Treasury yields rise again, spooking the stock market


Wall Street stumbled on Thursday, with energy and tech stocks selling off, and the 10-year Treasury bond yield climbing to a new 13-month high.

Just a day after remarks from Federal Reserve Chairman Jerome Powell appeased the market, all bets are off again.

All three stock indexes closed in the red. The Dow (INDU) finished down 0.5%, or 153 points, just one day after closing above the 33,000 point mark for the first time in history.

The S&P 500 (SPX) ended down 1.5%, and the more tech-focused Nasdaq Composite (COMP) fell 3%.

Elsewhere, oil prices tumbled on worries that the global economic recovery could be held back by virus flare-ups and slow vaccine rollouts in Europe. The global oil benchmark Brent crude was down more than 8% at $62.31 per barrel in the afternoon, while US oil fell nearly 8% to $59.48 a barrel.
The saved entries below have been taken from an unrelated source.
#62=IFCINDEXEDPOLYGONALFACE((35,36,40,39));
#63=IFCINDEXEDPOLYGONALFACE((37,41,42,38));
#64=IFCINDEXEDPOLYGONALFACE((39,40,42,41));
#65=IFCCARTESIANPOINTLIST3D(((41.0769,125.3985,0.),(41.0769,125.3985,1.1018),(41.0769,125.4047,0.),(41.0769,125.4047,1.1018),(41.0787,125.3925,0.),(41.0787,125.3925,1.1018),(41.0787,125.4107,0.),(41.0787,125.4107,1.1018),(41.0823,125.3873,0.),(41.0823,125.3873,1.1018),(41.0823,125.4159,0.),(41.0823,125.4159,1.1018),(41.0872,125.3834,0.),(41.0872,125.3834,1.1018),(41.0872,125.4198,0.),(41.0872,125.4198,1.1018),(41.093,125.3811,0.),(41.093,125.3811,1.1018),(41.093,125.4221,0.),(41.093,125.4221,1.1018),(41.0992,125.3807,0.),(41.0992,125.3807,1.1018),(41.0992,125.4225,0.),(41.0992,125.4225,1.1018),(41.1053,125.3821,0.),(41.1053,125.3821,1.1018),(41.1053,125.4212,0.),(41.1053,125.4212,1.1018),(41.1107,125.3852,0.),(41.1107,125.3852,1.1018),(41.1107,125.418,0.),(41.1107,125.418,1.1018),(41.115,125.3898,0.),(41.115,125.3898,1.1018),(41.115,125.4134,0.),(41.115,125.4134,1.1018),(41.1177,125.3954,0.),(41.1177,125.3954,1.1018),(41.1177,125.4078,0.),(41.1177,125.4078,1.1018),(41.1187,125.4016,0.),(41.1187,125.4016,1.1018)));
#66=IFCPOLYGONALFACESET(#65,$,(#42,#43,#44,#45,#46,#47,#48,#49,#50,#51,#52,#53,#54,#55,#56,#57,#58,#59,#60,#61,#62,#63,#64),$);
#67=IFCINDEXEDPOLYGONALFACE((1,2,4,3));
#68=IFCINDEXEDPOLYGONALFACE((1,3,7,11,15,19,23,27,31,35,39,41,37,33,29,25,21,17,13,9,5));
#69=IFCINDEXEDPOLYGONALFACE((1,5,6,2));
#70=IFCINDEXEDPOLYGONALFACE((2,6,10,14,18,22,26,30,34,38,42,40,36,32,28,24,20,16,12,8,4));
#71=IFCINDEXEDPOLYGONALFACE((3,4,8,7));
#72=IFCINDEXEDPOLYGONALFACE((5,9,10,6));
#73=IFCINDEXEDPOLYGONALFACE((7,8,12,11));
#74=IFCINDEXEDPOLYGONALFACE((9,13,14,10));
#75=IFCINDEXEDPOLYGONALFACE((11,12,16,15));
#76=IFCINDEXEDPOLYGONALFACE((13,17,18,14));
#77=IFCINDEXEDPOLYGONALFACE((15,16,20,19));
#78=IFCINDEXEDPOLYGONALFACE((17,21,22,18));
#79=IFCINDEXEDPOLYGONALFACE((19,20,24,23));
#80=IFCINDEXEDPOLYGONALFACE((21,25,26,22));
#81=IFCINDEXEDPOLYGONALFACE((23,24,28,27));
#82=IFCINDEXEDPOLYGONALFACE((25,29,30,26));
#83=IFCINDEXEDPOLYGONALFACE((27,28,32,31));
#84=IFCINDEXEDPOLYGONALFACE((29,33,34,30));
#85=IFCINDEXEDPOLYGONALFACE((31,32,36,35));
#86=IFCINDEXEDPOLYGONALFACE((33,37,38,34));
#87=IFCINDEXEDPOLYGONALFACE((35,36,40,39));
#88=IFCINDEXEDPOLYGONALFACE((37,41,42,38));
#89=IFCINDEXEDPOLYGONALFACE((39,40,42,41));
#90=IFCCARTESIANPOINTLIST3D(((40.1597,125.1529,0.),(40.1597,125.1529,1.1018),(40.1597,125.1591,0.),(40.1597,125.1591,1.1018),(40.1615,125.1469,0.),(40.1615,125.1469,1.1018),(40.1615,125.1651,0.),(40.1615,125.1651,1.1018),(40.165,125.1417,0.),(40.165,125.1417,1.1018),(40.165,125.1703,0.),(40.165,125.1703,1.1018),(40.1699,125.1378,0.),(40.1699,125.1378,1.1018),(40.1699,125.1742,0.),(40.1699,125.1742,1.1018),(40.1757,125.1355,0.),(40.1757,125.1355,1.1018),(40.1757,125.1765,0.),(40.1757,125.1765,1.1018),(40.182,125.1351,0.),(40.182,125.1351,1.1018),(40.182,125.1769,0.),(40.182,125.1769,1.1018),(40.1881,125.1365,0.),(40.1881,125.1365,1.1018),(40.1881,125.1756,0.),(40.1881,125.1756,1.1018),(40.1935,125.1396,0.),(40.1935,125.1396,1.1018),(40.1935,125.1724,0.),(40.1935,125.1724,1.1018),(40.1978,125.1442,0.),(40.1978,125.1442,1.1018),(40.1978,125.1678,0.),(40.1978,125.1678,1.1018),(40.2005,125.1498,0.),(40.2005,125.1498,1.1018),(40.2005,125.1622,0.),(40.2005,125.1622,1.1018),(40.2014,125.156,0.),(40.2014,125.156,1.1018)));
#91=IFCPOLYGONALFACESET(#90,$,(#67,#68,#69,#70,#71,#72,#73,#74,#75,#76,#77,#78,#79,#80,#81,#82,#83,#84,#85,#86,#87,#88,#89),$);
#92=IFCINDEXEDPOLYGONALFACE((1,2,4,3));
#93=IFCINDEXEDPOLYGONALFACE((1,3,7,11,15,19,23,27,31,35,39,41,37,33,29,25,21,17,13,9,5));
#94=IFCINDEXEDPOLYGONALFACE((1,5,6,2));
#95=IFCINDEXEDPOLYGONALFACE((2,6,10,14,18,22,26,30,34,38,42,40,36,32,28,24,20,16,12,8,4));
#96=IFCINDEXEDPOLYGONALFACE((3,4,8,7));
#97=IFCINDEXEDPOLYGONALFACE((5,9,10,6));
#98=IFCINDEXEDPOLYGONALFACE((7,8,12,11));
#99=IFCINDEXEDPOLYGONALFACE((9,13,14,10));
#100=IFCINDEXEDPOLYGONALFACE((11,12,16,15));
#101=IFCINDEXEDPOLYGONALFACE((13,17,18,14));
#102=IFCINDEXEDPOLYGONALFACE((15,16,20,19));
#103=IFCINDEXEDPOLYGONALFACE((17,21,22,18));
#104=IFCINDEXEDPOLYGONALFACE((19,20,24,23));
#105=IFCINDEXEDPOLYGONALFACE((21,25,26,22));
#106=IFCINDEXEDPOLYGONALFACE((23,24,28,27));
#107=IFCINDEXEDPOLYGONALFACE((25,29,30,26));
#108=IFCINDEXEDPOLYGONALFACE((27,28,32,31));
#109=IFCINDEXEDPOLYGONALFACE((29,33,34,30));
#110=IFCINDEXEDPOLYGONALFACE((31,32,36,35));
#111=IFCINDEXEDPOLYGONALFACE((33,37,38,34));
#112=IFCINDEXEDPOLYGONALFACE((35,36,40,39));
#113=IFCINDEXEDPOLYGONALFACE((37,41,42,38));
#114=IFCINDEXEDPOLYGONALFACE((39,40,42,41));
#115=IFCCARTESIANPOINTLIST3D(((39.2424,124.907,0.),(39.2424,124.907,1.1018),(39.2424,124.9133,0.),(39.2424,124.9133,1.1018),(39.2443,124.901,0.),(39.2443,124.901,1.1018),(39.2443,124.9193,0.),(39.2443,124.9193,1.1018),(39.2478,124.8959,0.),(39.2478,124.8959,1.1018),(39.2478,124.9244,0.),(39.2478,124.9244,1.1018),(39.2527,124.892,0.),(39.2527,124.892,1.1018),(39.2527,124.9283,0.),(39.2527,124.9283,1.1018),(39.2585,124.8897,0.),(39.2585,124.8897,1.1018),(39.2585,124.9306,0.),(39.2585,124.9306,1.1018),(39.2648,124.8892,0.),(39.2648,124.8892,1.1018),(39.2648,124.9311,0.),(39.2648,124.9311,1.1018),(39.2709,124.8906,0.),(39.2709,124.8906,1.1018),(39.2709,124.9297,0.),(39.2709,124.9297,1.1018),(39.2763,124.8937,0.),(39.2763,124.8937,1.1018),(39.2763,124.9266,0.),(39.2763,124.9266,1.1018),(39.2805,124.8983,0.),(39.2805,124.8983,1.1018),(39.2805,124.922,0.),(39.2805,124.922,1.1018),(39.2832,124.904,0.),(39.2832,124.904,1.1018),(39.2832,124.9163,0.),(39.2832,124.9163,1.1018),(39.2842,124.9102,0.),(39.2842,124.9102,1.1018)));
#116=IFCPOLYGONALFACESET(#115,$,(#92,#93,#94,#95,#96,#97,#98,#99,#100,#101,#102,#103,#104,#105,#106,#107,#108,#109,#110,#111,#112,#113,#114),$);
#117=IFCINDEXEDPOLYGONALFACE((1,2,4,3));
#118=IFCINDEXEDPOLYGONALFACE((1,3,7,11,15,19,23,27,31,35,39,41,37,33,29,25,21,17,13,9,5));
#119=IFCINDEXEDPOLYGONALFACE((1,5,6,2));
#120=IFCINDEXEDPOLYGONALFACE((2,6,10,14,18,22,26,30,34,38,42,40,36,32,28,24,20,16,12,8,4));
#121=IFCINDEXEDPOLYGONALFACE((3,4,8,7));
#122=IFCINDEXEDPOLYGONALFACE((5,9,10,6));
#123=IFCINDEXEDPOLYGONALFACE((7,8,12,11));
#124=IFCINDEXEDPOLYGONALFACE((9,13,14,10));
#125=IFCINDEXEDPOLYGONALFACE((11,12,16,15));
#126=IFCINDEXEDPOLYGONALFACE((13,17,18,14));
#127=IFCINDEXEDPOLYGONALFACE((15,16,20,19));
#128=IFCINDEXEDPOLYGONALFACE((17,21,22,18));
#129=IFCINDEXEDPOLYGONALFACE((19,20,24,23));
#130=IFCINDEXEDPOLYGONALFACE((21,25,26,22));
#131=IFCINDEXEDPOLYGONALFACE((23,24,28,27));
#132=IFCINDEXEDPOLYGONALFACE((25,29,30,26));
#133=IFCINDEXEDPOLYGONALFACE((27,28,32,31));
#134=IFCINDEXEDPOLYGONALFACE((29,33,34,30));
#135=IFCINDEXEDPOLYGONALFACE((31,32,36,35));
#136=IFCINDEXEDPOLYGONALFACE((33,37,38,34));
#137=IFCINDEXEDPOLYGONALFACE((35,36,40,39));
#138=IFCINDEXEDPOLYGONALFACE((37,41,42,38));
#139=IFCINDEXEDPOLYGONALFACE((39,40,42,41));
Earlier in the day, the 10-year Treasury yield reached a new 13-month high of 1.75%. The government bond yielded 1.72% around the time of the stock market close.

Powell didn’t appear concerned about the recent ascent in bond yields during Wednesday’s monetary policy update. He also said the central bank isn’t ready to pull the plug on its bond-buying program, thereby avoiding a situation like the 2013 “taper tantrum” that occurred when investors got scared about the end of the last easy-money era.

Powell tried to soothe worries about rising inflation. Investors are concerned that the reopening of the economy and pent up consumer demand will lead to a jump in inflation over the summer that will force the Fed to raise interest rates.

The Fed’s consensus outlook showed that only four officials are expecting an interest rate increase in 2022, with most officials forecasting a hike in 2023. In his remarks, Powell reiterated that any rising prices over the summer will be temporary.

Although this helped the market Wednesday, “inflation fears have crept in again,” said BMO economist Priscilla Thiagamoorthy, explaining the yield move in a note to clients.

“After yesterday’s [Fed] rate decision and [the] Powell press conference, investors appeared to be comfortable with the Fed’s plan going forward,” said Paul Hickey, of Bespoke Investment Group. “After sleeping on it, though, investors are having second thoughts.”

Economic data also didn’t help matters, with weekly jobless claims unexpectedly rising.